Number of ways we can partition a set into two subsets such that the GCD of product of the elements in both subsets is minimum

Question

We have a set or a unique list of positive integers with constraints that the size of the list or set can go up to 10000. The objective is to divide the list into 2 non-empty subsets such that the GCD(Prod1, Prod2) == 1, where Prod1 is the product of all the elements in subset 1 and Prod2 is the product of all the elements in subset 2.

For e.g.

Input:

5 1 2

Output:

6

6 subsets that satisfy the condition

{1}, {2, 5} = gcd(1, 10) = 1
{1, 2}, {5} = gcd(2, 5) = 1
{1, 5}, {2} = gcd(5, 2) = 1
{2, 5}, {1} = gcd(10, 1) = 1
{5}, {1, 2} = gcd(5, 2) = 1
{2}, {1, 5} = gcd(2, 5) = 1 

Input:

2 3 6

Output:

0

As there are no subsets that satisfy the condition

I tried brute force approach by generating all 2-way partitionings and finding its products, then taking its gcd. but obviously, this takes at least O(N^2) or more and so much memory which is not feasible considering the constraints. Is there any better approach using Dynamic Programming just like in subset-sum/difference question or using any other algorithm/data structure?

Answer 1

As Michael Butscher observes, every two positive integers that are not relatively prime must be on the same side of the partition. This turns out to be a sufficient as well as necessary condition.

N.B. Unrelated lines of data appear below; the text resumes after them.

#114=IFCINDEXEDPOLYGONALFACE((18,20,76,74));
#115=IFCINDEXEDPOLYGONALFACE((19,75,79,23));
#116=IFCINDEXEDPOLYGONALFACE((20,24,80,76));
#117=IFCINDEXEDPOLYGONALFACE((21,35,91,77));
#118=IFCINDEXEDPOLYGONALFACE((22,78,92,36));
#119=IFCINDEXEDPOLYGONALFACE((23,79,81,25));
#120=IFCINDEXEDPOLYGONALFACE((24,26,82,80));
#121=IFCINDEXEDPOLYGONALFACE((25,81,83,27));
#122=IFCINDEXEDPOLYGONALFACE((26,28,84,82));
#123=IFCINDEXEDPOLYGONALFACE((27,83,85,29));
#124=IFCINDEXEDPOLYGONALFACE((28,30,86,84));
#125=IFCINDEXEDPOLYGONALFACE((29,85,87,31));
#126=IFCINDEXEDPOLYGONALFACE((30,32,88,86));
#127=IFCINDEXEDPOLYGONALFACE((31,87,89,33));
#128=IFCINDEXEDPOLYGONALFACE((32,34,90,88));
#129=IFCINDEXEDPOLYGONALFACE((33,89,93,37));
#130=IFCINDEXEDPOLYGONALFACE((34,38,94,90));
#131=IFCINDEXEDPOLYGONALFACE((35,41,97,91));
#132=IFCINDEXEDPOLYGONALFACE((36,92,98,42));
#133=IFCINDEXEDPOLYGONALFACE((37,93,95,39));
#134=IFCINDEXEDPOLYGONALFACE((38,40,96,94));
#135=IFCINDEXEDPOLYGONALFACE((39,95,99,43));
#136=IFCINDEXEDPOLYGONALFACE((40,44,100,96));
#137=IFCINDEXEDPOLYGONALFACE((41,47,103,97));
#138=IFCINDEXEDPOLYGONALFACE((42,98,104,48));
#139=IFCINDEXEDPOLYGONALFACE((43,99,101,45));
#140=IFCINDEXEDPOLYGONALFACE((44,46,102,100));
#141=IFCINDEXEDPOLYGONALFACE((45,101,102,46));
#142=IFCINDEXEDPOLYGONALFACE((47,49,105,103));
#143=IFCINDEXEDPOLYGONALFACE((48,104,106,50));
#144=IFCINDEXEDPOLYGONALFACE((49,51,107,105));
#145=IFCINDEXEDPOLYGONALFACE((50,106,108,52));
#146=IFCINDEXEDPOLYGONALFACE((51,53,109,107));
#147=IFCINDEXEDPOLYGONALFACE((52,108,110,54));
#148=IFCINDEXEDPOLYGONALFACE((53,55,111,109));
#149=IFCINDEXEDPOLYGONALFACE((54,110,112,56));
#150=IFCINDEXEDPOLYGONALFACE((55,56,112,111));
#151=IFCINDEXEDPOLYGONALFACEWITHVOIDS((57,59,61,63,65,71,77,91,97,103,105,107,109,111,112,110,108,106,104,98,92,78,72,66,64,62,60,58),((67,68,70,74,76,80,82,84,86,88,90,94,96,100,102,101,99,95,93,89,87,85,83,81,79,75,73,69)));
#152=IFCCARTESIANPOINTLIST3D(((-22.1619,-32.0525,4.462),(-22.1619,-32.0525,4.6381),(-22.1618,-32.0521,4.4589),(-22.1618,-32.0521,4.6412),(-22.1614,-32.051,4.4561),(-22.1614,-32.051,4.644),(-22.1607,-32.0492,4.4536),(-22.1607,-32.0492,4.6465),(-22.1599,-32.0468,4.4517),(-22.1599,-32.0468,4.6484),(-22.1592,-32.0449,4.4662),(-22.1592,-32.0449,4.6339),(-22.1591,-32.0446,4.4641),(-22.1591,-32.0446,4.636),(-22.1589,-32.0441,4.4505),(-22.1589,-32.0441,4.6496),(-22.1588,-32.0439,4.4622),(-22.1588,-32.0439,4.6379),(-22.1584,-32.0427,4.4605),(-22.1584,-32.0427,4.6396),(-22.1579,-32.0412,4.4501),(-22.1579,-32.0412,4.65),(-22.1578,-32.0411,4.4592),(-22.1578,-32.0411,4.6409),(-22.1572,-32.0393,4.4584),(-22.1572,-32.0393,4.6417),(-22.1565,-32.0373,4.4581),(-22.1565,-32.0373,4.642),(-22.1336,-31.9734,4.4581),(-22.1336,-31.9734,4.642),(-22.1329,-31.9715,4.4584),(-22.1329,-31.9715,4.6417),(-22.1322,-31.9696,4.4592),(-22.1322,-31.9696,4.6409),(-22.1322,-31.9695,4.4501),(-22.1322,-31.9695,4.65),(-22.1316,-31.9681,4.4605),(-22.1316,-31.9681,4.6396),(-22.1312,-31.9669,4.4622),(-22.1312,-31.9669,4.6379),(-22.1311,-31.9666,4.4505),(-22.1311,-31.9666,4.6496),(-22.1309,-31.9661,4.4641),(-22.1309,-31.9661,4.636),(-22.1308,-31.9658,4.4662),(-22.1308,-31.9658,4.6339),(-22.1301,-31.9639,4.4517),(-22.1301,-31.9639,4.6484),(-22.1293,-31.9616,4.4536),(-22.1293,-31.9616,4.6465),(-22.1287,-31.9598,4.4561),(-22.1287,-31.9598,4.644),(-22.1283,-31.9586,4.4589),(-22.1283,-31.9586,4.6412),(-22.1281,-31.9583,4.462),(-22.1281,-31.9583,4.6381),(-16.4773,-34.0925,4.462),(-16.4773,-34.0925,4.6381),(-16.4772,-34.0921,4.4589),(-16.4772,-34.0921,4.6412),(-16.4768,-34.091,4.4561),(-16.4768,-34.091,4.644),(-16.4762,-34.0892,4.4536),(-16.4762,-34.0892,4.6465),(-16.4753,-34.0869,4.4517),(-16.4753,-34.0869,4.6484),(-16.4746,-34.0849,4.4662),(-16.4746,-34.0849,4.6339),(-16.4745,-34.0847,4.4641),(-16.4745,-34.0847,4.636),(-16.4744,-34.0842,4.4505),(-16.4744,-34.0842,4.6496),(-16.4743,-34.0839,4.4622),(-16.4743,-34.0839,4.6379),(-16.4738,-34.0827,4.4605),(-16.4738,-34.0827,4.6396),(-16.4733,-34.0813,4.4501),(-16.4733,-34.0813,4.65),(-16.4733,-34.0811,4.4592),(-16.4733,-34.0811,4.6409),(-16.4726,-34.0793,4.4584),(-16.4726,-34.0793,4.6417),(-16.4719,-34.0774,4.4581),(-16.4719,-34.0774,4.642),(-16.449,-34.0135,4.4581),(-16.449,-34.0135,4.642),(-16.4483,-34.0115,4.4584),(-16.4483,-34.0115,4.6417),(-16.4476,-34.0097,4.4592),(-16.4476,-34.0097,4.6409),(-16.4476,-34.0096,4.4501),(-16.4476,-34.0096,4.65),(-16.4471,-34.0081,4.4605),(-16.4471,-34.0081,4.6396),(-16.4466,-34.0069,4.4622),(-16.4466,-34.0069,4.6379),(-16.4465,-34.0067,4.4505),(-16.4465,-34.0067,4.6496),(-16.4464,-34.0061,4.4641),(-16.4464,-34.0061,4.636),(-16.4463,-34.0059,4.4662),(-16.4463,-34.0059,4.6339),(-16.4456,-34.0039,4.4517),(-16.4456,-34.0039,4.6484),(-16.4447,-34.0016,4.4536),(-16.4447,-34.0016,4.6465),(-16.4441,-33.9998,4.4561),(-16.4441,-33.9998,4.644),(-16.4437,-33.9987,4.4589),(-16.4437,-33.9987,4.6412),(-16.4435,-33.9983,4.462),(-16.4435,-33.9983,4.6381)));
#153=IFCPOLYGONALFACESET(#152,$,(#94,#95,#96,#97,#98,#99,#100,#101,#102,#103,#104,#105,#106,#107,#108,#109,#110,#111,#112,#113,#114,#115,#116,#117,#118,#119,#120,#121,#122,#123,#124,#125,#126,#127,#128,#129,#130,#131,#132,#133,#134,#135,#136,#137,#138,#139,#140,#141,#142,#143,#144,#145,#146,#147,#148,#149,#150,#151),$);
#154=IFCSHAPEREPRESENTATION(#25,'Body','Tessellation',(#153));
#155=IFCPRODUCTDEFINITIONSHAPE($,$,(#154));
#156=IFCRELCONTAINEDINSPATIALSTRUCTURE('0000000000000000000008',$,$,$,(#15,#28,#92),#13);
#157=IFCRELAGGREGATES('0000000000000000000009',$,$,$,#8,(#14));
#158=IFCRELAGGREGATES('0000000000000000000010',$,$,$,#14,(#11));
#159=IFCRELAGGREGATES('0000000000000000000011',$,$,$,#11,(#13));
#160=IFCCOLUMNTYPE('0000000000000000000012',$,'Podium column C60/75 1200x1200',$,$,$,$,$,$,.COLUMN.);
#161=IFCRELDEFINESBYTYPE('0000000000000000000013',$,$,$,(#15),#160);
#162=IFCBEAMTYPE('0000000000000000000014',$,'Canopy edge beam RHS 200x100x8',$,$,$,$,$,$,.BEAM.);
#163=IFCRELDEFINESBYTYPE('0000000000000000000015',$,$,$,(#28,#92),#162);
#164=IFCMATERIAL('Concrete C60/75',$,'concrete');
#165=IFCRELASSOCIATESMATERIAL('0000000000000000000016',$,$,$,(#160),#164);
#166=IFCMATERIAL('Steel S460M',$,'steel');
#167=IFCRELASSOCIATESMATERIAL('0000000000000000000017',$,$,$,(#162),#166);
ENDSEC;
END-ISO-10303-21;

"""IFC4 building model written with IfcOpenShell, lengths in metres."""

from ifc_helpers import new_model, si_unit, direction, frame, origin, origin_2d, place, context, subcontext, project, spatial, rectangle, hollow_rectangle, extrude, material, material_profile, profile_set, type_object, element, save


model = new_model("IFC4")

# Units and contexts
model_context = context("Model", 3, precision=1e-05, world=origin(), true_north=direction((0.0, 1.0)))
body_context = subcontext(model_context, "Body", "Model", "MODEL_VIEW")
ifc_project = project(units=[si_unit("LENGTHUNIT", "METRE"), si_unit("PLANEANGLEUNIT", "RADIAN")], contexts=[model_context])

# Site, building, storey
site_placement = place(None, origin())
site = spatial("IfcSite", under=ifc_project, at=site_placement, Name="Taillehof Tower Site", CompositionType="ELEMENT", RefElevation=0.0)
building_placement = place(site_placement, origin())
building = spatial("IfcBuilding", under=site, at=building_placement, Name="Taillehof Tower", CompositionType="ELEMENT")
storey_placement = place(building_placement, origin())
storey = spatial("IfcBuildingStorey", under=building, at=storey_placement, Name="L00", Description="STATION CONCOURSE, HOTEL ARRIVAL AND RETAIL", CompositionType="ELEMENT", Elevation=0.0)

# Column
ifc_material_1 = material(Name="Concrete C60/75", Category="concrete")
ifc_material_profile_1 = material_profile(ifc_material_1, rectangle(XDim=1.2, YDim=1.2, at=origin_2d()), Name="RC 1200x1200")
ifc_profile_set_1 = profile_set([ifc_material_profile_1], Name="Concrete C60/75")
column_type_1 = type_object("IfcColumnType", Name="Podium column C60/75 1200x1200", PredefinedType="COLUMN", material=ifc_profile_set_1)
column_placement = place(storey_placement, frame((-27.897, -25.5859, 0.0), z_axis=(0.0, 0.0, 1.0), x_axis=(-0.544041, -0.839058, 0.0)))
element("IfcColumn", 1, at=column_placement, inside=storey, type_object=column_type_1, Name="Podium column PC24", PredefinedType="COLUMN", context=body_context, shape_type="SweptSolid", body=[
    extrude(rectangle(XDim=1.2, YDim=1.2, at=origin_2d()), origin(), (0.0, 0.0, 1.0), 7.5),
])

Make a graph whose vertices are the given positive integers and whose edges indicate pairs of integers that are not relatively prime. Count the number of connected components k in this graph. Return 2^k − 2 since independently, each component can be on the left side of the partition or the right, minus the 2 degenerate partitions where every component is on the same side.